I just have to share this with someone. Cant talk to anyone around about this…
I just saw some pictures on facebook on a friend’s profile and accidently saw pictures of my ex/1st love’s wife and daughter. His daughter is so adorable and looks like him. It just awoke so many feelings in me.
I feel bad cuz I am married and shouldn’t start missing someone who left me cuz his parents lied to him about me and my family.
I feel like crying… why don’t these memories disappear? I am married to such a wonderful man and I love him so much. Then why do I keep thinking of another man who was in my life so many years ago. It was 11 years ago that we met and it has been ages since we stopped talking.
Why do I sometimes feel like having a last conversation with him to tell him that he hurt me so much. He ended it all by sending me a text message 8 years ago and we never spoke after that. I feel that this chapter hasn’t been closed properly…
Its natural to remember your ex'. But what's done is done - you just have to accept your past. Don't ever think to have that conversation with him. It will just upset you more and create an unbalance in your family life and possibly in your ex's life too.
Just pray for him and that he is always happy with his family - then let go of him gracefully and then focus on yourself, your family and enjoy your married life.
Its natural to remember your ex'. But what's done is done - you just have to accept your past. Don't ever think to have that conversation with him. It will just upset you more and create an unbalance in your family life and possibly in your ex's life too.
Just pray for him and that he is always happy with his family - then let go of him gracefully and then focus on yourself, your family and enjoy your married life.
:)
I accepted the fact that it was over very soon after he ended it. I just sometimes miss him and feel like talking to him about what happened and why he believed in all the lies.
Alhamdulillah I am blessed with a good husband and many other blessings around me and wont switch him or anything with going back to the life I once was dreaming of.
I perfectly understand why we didnt get married and what was meant for me was much better for me.
^ I think when that happens, get on your payer mat and pray. Its the devil's work here who is bringing in your ex's memories into your mind.
I understand you can't get rid of memories and that you are hurt - but you are married now Chameli. You owe your full heart to your Husband. Think about how your Husband would feel knowing you desire another man or that you have feelings of missing him.
When you think of your ex - pray, read a kalima etc. Ask Allah Ta'lah swt to help you forget him and to help make your marriage even more wonderful.
Realistically speaking, you can do nothing to change this. He was never yours and you were never his - and you were just never meant to marry eachother.
Mend those broken wounds quickly and be a stronger person now! Have kids yourself. :)

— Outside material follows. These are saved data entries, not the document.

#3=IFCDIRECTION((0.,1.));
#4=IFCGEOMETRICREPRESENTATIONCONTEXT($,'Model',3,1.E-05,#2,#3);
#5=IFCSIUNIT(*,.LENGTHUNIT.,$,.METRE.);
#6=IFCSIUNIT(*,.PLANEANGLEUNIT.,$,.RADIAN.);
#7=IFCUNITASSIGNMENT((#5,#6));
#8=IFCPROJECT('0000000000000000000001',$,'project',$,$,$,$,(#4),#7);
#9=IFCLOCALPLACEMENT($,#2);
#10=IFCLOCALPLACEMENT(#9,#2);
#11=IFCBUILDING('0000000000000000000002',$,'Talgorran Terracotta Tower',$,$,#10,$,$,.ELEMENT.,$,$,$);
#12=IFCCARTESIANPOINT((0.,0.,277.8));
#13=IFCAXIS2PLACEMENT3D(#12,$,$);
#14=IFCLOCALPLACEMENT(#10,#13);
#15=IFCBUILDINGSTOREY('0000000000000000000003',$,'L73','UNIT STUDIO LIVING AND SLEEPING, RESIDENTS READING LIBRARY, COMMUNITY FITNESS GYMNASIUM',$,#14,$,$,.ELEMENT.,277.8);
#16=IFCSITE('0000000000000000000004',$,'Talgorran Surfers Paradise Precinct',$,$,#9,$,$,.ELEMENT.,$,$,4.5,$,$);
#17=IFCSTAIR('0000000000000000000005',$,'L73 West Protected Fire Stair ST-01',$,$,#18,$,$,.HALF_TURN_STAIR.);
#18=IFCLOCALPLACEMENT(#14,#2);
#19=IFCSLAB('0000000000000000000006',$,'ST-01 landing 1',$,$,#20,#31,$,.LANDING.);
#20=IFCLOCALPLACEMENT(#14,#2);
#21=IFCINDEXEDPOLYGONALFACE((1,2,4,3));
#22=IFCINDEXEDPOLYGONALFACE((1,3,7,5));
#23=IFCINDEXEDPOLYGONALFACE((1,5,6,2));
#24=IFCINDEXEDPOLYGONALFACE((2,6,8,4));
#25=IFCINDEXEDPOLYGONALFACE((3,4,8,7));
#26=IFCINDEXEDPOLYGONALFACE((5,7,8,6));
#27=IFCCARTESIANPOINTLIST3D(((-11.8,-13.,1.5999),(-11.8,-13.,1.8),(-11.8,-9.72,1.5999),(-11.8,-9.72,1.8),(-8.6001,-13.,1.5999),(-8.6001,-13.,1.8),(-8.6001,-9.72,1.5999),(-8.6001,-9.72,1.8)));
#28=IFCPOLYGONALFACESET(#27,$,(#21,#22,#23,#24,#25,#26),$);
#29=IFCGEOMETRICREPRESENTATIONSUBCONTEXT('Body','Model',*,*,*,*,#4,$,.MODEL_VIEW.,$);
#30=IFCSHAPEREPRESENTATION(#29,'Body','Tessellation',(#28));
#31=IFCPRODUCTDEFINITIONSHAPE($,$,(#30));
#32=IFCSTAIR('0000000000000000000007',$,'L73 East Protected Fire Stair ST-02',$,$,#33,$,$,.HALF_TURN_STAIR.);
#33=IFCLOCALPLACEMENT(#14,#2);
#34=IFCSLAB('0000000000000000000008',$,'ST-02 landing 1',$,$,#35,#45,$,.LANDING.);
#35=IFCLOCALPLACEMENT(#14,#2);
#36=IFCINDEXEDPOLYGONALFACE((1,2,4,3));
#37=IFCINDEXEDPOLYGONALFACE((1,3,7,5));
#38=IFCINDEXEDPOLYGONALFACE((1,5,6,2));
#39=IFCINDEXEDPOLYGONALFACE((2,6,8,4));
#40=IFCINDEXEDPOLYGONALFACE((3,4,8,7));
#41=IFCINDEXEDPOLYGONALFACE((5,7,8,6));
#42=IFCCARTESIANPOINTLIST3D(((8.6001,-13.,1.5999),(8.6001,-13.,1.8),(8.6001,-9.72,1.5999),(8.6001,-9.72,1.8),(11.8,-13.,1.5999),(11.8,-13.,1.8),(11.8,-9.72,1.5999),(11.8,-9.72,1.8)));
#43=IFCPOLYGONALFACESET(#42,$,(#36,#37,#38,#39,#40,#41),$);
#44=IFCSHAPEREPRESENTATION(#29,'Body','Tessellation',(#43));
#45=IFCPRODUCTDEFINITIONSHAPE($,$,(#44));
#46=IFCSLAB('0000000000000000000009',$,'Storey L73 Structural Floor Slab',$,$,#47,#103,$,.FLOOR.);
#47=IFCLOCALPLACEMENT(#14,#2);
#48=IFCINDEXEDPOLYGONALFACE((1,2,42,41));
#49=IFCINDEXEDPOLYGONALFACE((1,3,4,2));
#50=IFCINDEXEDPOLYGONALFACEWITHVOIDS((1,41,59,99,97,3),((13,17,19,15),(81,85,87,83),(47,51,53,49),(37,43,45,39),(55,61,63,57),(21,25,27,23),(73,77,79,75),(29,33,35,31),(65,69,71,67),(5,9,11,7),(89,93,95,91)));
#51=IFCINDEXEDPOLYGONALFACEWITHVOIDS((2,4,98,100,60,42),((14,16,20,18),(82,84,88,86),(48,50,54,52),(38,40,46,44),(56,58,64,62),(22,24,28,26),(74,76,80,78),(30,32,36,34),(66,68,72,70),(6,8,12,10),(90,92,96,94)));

Realistically speaking, you can do nothing to change this. He was never yours and you were never his - and you were just never meant to marry eachother.
Mend those broken wounds quickly and be a stronger person now! Have kids yourself. :)
yeah i think that seeing his kid having his looks made me feel that she could have been our daughter....
u r right..no need to cry over this..it was never meant to be....
should focu on my own life and having kids myself:)
Woud you rather be with a man who respects you and treats you well - or with a man who sent you a text mesage ending it all?! Your ex is your ex for a good reason!
You should be glad you didn't have kids with such a guy! Lol! :)
Woud you rather be with a man who respects you and treats you well - or with a man who sent you a text mesage ending it all?! Your ex is your ex for a good reason!
You should be glad you didn't have kids with such a guy! Lol! :)
I know:D you are sooo right. and deep down i know that it was sooooo good for me not to get married with him.
perhaps its the feeling of being rejected...
when something just ends abruptly with no reason or with very little of it, ure left thinking huh? you want to be sure that whatever doesnt work out was because of strong reasons behind it, or any for that matter.. i dont think you got that.. a txt saying we cant be together anymore is not enuff.. a chat face to face or even a telephone call would have been better. gotten all feelings out into the open.
when something just ends abruptly with no reason or with very little of it, ure left thinking huh? you want to be sure that whatever doesnt work out was because of strong reasons behind it, or any for that matter.. i dont think you got that.. a txt saying we cant be together anymore is not enuff.. a chat face to face or even a telephone call would have been better. gotten all feelings out into the open.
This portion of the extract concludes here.